There have been castles made of sand. There are even castles in the air. Have you ever heard of a castle made of coral, though? Well, it exists down in Miami. Its creation is one of the wildest stories ever told.

Growing up Leedskalnin

Born in Latvia, Edward Leedskalnin didn’t have a great childhood. His family was one of the poorest in the area, which meant he was stuck with a lower level of education. Something that piqued his interest, however, was stonemasonry. Being able to construct buildings seemed like a proper way to make a living.

Along with his newfound career path, Leedskalnin was enamored with a lass named Agnes Skuvst. The two got engaged, and he was headed to joyful marital bliss. Unfortunately, things took a turn when Skuvst, who Leedskalnin called his “Sweet Sixteen,” ended their engagement. Instead of transferring his sadness into pop-punk songs, Leedskalnin did what any person would do in that situation. He packed his bands and flew to America.

I’m working on a building

After living in New York City and Oregon, Leedskalnin purchased land in Florida City. After settling in, he used his stonemasonry knowledge to construct a castle. Named Ed’s Place, the castle was built in 1923. It stayed in Florida City until Leedskalnin decided to head down to Miami. As expected, dragging a castle to another area was a complete nightmare. With the help of only one truck driver, he slowly made the switch.

After things were settled, Leedskalnin continued making improvements on the castle. He placed a swinging gate near the back of the structure. He also changed its name to Rock Gate to reflect the thousands of limestone used it its creation. When it comes to how he was able to construct this, Leedskalnin stated that he knew the secrets of the pyramids.

Opening it to the public

As expected, people wanted to see this bad boy in person. Leedskalnin knew how much cash he’d make, so he charged 25 cents for a tour. Fortunately, those who were in a financial crisis received a free tour through the castle.

In November 1951, Leedskalnin started to become very sick. While people were still coming to the castle, he had no one to look after it for him. Before heading to the hospital, Leedskalnin placed a sign that read “Going to the Hospital.” 28 days later, he was pronounced dead at 64 from a kidney infection.

Following Leedskalnin’s death, his cousin Larry became the owner of Rock Gate. Unfortunately, Larry was also in poor health, which resulted in Julius Levin buying the property. Levin changed the name of the structure to Coral Castle before selling it in 1981. Due to its importance, Coral Castle was listed in the National Register of Historic Places a few years later.

King of the castle

Today, Coral Castle remains one of Miami’s most visited establishments. The area was used as the background of the films Jimmy, the Boy Wonder and The Wild Women of Wongo. Billy Idol even had a Top 40 hit about Leedskalnin called “Sweet Sixteen.”

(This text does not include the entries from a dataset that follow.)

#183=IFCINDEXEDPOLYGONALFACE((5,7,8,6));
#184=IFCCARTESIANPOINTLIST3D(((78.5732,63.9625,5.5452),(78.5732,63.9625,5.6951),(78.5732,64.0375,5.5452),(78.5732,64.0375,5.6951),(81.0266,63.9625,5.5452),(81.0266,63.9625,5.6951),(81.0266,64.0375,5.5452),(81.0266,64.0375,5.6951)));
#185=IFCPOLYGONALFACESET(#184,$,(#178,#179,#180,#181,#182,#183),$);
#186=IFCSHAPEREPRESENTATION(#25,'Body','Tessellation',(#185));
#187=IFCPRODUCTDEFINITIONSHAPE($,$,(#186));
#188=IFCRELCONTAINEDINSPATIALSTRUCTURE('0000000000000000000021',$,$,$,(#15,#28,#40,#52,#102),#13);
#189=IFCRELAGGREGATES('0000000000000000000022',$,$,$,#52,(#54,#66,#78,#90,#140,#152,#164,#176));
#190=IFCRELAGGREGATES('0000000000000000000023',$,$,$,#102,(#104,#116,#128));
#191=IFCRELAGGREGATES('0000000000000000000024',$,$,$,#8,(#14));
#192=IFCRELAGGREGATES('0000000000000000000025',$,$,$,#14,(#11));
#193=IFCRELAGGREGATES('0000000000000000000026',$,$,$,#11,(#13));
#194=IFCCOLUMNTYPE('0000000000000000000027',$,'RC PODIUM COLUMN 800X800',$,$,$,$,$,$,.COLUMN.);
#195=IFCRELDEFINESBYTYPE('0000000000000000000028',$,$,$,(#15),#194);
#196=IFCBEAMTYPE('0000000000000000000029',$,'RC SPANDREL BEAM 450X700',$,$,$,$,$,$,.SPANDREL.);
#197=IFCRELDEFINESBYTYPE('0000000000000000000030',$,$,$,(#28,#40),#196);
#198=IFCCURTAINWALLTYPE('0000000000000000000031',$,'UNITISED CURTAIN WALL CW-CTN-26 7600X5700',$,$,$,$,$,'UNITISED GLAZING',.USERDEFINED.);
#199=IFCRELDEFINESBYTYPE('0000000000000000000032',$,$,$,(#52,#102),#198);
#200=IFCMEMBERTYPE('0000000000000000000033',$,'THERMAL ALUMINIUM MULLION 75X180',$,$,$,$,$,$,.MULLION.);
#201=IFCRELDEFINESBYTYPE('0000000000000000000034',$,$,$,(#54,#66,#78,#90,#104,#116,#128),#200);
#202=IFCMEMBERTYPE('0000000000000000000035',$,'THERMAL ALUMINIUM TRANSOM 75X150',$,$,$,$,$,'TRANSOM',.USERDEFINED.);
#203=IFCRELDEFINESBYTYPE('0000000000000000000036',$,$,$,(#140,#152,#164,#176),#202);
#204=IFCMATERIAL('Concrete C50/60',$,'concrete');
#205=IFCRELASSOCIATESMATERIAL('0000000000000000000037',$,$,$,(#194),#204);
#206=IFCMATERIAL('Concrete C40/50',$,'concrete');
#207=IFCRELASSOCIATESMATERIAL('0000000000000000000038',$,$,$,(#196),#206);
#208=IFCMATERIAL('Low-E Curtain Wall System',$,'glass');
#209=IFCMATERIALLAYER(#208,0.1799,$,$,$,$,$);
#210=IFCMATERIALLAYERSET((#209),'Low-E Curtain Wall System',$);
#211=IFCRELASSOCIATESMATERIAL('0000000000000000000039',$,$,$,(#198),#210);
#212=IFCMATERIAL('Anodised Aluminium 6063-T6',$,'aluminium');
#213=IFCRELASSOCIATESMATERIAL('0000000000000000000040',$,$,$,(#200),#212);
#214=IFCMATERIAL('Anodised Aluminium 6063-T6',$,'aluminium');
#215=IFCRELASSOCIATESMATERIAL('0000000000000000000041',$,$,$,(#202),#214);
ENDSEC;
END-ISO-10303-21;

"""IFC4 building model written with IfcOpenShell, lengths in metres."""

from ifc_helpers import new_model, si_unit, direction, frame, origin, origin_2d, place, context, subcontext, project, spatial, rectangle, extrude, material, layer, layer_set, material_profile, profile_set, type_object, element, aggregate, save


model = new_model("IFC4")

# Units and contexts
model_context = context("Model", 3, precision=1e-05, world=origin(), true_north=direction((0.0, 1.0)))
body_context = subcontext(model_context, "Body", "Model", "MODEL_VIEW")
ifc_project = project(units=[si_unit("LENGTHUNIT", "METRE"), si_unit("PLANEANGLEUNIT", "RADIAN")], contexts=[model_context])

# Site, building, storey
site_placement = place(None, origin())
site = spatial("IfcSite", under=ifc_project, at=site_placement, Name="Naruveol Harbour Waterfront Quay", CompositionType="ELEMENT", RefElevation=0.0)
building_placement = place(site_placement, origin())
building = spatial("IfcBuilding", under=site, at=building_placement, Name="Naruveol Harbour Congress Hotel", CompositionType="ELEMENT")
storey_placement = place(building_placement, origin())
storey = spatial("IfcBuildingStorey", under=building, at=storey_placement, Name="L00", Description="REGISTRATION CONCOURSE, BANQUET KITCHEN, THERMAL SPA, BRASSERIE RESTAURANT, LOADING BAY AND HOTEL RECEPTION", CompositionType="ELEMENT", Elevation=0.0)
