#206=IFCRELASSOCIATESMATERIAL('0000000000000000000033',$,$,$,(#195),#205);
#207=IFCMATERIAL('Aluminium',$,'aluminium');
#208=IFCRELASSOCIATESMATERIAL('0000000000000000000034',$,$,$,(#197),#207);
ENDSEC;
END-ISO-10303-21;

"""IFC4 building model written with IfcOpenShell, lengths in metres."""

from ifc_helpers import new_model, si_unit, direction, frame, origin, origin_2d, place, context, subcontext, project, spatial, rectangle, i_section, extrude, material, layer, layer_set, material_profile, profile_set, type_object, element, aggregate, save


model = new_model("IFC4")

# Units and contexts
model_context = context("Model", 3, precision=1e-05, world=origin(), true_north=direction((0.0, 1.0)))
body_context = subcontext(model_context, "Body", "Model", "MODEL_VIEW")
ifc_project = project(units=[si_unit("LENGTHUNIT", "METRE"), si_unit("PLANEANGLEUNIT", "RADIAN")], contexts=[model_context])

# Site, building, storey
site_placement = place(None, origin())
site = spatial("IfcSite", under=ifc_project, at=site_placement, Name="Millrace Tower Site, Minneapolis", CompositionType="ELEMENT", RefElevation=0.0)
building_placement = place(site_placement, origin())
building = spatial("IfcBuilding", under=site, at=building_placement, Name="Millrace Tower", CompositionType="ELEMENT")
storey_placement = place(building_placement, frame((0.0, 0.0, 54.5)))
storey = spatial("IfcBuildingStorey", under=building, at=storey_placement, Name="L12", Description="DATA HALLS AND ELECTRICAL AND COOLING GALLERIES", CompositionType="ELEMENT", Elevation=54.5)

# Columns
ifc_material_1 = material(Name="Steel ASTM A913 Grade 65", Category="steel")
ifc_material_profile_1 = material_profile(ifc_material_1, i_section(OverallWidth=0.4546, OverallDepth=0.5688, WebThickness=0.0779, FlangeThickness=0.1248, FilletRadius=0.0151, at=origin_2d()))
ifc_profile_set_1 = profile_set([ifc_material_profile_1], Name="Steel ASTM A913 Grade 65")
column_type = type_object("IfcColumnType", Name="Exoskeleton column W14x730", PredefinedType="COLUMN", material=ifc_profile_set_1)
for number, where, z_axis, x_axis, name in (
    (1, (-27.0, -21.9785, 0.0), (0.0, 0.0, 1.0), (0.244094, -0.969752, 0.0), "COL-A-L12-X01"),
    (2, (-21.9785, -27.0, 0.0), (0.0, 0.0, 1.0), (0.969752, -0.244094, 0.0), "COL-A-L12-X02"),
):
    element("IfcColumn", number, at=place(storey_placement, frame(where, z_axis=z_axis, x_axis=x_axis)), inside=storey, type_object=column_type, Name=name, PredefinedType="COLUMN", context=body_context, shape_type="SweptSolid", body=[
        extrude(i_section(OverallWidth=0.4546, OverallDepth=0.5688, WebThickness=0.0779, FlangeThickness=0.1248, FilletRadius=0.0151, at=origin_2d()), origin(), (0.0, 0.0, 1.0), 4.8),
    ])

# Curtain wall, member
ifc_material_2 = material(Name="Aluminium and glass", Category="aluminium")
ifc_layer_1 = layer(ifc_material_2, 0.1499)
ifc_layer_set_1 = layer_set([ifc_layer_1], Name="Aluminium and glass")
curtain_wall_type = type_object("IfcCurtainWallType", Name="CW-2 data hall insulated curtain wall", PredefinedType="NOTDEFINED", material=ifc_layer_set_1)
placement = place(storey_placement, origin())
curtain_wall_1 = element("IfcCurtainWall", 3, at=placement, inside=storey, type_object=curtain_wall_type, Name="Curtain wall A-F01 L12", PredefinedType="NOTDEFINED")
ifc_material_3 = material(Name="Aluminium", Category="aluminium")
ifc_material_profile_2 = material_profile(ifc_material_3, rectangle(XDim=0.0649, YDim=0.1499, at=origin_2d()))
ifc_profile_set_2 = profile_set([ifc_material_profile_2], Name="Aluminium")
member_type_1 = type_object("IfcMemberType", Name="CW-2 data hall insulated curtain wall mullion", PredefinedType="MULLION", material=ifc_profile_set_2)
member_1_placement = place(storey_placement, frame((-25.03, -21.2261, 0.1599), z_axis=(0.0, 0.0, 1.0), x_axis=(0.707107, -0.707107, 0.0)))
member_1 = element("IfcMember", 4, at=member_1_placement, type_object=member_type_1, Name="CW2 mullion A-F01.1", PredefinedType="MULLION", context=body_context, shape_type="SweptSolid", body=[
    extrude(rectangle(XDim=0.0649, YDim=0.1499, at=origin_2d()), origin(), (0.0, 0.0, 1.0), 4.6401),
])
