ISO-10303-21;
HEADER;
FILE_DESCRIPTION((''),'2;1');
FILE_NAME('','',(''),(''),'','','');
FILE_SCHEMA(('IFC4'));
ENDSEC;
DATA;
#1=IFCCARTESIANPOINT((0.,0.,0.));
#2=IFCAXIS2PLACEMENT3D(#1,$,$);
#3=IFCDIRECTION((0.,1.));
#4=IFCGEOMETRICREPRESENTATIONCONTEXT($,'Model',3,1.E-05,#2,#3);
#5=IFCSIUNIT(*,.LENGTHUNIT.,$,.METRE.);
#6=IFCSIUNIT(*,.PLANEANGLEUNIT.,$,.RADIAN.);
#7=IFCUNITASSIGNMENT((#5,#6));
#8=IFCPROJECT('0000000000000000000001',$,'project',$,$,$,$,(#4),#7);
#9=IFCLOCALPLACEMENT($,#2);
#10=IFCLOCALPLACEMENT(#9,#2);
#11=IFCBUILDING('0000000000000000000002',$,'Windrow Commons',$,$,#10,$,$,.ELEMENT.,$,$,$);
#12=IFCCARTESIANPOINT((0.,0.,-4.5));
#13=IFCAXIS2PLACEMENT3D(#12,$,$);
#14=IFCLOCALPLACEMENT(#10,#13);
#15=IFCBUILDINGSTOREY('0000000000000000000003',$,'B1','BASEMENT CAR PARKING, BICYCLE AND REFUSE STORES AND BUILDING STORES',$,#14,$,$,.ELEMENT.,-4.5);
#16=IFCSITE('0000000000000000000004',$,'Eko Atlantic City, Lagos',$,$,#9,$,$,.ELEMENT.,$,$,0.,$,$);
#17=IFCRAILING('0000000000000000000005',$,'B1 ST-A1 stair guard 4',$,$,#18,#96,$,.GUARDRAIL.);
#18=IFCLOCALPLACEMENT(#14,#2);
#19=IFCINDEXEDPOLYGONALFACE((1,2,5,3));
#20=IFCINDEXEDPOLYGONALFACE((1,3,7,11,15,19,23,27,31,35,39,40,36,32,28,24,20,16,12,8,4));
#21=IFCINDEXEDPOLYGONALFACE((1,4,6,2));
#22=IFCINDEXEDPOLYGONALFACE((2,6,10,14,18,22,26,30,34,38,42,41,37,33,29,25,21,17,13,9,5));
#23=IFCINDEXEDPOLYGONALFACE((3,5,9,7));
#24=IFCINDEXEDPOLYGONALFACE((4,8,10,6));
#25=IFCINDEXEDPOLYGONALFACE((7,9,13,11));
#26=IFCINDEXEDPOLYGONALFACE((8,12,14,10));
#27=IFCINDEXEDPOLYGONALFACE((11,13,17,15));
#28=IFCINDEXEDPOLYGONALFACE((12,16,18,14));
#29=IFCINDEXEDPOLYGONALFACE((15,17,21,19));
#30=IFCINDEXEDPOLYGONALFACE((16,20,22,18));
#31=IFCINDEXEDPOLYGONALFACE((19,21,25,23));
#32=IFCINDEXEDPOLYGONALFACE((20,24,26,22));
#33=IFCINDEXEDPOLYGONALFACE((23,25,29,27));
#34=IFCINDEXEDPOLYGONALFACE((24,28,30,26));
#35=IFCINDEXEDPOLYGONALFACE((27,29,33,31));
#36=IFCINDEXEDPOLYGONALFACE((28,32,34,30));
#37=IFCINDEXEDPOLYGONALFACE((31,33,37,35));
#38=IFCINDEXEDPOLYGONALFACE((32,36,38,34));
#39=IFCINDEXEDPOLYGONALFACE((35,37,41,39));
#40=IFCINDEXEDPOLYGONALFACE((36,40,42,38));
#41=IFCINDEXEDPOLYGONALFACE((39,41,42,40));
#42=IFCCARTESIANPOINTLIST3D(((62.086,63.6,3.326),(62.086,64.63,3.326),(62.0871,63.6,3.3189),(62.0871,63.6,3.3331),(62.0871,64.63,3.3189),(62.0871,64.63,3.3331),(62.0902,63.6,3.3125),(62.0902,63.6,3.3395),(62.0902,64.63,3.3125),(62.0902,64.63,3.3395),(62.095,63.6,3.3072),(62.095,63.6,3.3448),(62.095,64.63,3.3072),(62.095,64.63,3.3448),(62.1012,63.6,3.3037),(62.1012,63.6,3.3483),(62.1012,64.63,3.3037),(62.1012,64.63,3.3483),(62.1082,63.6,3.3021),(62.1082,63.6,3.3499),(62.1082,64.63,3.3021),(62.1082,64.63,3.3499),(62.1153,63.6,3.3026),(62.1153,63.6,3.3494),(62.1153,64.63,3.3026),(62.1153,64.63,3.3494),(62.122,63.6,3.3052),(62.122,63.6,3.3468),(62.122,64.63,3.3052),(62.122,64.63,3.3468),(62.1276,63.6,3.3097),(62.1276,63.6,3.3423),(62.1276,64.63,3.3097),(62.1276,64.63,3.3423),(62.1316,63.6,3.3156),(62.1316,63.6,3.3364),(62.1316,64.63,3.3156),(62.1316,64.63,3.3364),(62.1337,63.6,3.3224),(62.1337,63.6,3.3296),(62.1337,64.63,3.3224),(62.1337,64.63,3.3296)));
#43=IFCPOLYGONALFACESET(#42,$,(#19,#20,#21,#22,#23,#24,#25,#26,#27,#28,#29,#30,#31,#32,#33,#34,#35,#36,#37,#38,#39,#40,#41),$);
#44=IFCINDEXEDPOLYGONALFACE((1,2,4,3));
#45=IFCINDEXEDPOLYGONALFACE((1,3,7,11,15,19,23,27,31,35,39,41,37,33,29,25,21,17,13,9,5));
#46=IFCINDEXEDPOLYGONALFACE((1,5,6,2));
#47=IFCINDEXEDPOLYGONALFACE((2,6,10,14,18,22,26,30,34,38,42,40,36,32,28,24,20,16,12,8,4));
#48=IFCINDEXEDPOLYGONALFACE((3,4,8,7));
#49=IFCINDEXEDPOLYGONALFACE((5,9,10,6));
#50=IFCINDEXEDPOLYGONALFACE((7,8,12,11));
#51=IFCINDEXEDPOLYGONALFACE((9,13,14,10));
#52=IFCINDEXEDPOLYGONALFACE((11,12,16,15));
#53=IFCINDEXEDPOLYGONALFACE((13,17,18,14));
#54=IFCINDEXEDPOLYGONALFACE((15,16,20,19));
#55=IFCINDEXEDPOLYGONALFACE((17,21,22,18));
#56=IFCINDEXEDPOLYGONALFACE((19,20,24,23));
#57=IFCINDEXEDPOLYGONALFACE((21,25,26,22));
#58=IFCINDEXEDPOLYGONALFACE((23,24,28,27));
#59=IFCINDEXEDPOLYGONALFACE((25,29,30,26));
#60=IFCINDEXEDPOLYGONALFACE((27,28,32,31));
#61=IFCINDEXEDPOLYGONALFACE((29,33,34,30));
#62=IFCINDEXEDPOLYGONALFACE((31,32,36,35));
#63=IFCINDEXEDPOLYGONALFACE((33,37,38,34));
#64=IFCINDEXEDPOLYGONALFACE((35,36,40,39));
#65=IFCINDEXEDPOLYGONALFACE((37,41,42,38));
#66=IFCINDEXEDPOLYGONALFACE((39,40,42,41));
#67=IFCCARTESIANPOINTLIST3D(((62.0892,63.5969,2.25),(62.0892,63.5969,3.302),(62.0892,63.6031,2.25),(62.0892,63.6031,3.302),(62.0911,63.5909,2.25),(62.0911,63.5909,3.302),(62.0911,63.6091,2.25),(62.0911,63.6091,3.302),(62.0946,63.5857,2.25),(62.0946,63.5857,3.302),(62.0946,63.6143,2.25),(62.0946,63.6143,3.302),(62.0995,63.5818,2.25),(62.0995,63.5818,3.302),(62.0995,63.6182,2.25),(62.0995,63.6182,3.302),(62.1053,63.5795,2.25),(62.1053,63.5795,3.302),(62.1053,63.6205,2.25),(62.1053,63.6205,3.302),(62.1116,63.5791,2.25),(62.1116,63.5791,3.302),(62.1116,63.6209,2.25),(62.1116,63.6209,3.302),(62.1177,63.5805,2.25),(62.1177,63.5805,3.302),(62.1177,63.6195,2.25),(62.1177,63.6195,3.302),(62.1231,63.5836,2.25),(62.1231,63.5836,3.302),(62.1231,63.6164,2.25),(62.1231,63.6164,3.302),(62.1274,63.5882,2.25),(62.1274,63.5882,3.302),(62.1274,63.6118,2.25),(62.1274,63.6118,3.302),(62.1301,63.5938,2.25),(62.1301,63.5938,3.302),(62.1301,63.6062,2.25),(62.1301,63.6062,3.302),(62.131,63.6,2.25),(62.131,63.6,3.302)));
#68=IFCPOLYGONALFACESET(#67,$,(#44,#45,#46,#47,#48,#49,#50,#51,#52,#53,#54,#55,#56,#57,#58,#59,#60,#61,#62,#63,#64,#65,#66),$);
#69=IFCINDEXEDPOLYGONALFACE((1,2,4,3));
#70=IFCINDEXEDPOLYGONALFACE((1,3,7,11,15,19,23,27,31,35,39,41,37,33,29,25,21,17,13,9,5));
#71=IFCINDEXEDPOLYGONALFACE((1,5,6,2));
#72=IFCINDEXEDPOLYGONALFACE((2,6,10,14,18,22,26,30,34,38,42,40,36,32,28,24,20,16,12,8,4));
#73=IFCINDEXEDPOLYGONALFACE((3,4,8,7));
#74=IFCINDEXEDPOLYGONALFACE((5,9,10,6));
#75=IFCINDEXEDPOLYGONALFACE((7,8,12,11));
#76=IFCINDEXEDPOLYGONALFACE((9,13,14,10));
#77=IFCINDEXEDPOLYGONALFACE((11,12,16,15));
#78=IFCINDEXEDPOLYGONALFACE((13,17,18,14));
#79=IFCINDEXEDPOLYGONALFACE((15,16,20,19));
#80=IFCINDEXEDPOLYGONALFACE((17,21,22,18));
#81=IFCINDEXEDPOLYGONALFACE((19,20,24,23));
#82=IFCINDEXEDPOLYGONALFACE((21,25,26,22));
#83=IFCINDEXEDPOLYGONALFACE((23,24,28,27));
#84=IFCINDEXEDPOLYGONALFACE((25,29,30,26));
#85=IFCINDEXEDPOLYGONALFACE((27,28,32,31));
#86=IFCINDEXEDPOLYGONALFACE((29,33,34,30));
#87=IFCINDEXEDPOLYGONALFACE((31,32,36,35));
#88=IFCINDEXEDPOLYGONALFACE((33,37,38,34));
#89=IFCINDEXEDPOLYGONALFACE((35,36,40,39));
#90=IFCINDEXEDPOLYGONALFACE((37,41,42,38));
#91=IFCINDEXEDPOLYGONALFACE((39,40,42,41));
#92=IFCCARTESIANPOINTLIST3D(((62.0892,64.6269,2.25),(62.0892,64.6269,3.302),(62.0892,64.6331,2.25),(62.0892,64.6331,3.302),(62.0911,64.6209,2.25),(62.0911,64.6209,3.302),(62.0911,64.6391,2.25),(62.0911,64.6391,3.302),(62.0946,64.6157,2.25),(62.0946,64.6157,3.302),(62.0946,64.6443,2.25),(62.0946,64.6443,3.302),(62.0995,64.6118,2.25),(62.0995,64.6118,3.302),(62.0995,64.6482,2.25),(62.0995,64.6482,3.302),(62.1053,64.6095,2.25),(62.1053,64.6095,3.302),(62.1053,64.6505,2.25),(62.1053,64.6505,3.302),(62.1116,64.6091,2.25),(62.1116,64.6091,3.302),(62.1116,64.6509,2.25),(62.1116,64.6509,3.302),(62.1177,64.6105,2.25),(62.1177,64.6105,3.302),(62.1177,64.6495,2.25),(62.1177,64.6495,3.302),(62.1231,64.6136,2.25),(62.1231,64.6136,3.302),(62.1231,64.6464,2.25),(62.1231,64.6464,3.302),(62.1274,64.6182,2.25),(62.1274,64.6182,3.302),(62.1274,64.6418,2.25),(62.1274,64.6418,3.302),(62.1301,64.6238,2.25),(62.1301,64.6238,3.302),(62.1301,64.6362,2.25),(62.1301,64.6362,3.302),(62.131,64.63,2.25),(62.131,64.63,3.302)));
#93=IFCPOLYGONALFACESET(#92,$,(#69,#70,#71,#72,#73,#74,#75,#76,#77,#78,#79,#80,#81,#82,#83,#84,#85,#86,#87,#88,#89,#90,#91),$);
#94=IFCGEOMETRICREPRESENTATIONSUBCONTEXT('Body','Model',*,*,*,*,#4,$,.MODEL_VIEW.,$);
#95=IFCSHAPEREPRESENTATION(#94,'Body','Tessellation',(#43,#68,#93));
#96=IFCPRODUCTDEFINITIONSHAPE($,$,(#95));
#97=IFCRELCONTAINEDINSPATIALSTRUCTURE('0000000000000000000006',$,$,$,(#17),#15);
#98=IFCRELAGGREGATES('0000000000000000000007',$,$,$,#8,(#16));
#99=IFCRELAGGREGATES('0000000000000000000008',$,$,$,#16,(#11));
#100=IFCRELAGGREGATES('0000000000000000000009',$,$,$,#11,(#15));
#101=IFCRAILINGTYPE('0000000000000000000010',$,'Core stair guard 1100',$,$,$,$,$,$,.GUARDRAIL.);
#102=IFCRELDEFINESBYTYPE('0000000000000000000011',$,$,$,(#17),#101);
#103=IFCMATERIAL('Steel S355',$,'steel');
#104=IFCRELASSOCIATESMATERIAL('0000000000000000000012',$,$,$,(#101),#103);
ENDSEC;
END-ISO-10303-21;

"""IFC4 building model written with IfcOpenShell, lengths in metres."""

from ifc_helpers import new_model, si_unit, direction, frame, origin, origin_2d, place, context, subcontext, project, spatial, circle, extrude, material, type_object, element, save


model = new_model("IFC4")

# Units and contexts
model_context = context("Model", 3, precision=1e-05, world=origin(), true_north=direction((0.0, 1.0)))
body_context = subcontext(model_context, "Body", "Model", "MODEL_VIEW")
ifc_project = project(units=[si_unit("LENGTHUNIT", "METRE"), si_unit("PLANEANGLEUNIT", "RADIAN")], contexts=[model_context])

# Site, building, storey
site_placement = place(None, origin())
site = spatial("IfcSite", under=ifc_project, at=site_placement, Name="Eko Atlantic City, Lagos", CompositionType="ELEMENT", RefElevation=0.0)
building_placement = place(site_placement, origin())
building = spatial("IfcBuilding", under=site, at=building_placement, Name="Windrow Commons", CompositionType="ELEMENT")
storey_placement = place(building_placement, frame((0.0, 0.0, -4.5)))
storey = spatial("IfcBuildingStorey", under=building, at=storey_placement, Name="B1", Description="BASEMENT CAR PARKING, BICYCLE AND REFUSE STORES AND BUILDING STORES", CompositionType="ELEMENT", Elevation=-4.5)

# Railing
ifc_material_1 = material(Name="Steel S355", Category="steel")
railing_type_1 = type_object("IfcRailingType", Name="Core stair guard 1100", PredefinedType="GUARDRAIL", material=ifc_material_1)
railing_1_placement = place(storey_placement, frame((62.11, 63.6, 2.25)))
element("IfcRailing", 1, at=railing_1_placement, inside=storey, type_object=railing_type_1, Name="B1 ST-A1 stair guard 4", PredefinedType="GUARDRAIL", context=body_context, shape_type="SweptSolid", body=[
    extrude(circle(Radius=0.024, at=origin_2d()), frame((0.0, 0.0, 1.076), z_axis=(0.0, 1.0, 0.0), x_axis=(-1.0, 0.0, 0.0)), (0.0, 0.0, 1.0), 1.03),
    extrude(circle(Radius=0.021, at=origin_2d()), origin(), (0.0, 0.0, 1.0), 1.052),
    extrude(circle(Radius=0.021, at=origin_2d()), frame((0.0, 1.03, 0.0)), (0.0, 0.0, 1.0), 1.052),
])

save(model, "model.ifc")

According to politician Rodriguez Aguilera, however, Coral Castle is secretly an Egyptian pyramid. She made the strange discovery during a rendezvous with aliens back in 2009. “For years people, including Presidents like Ronald Reagan and Jimmy Carter and astronauts have publicly claimed to have seen unidentified flying objects and scientists like Stephen Hawking and institutions like the Vatican have stated that there are billions of galaxies in the universe and we are probably not alone,” she told the Miami Herald. Whether it’s the supposed aliens or the glorious atmosphere, Coral Castle is a sight to see.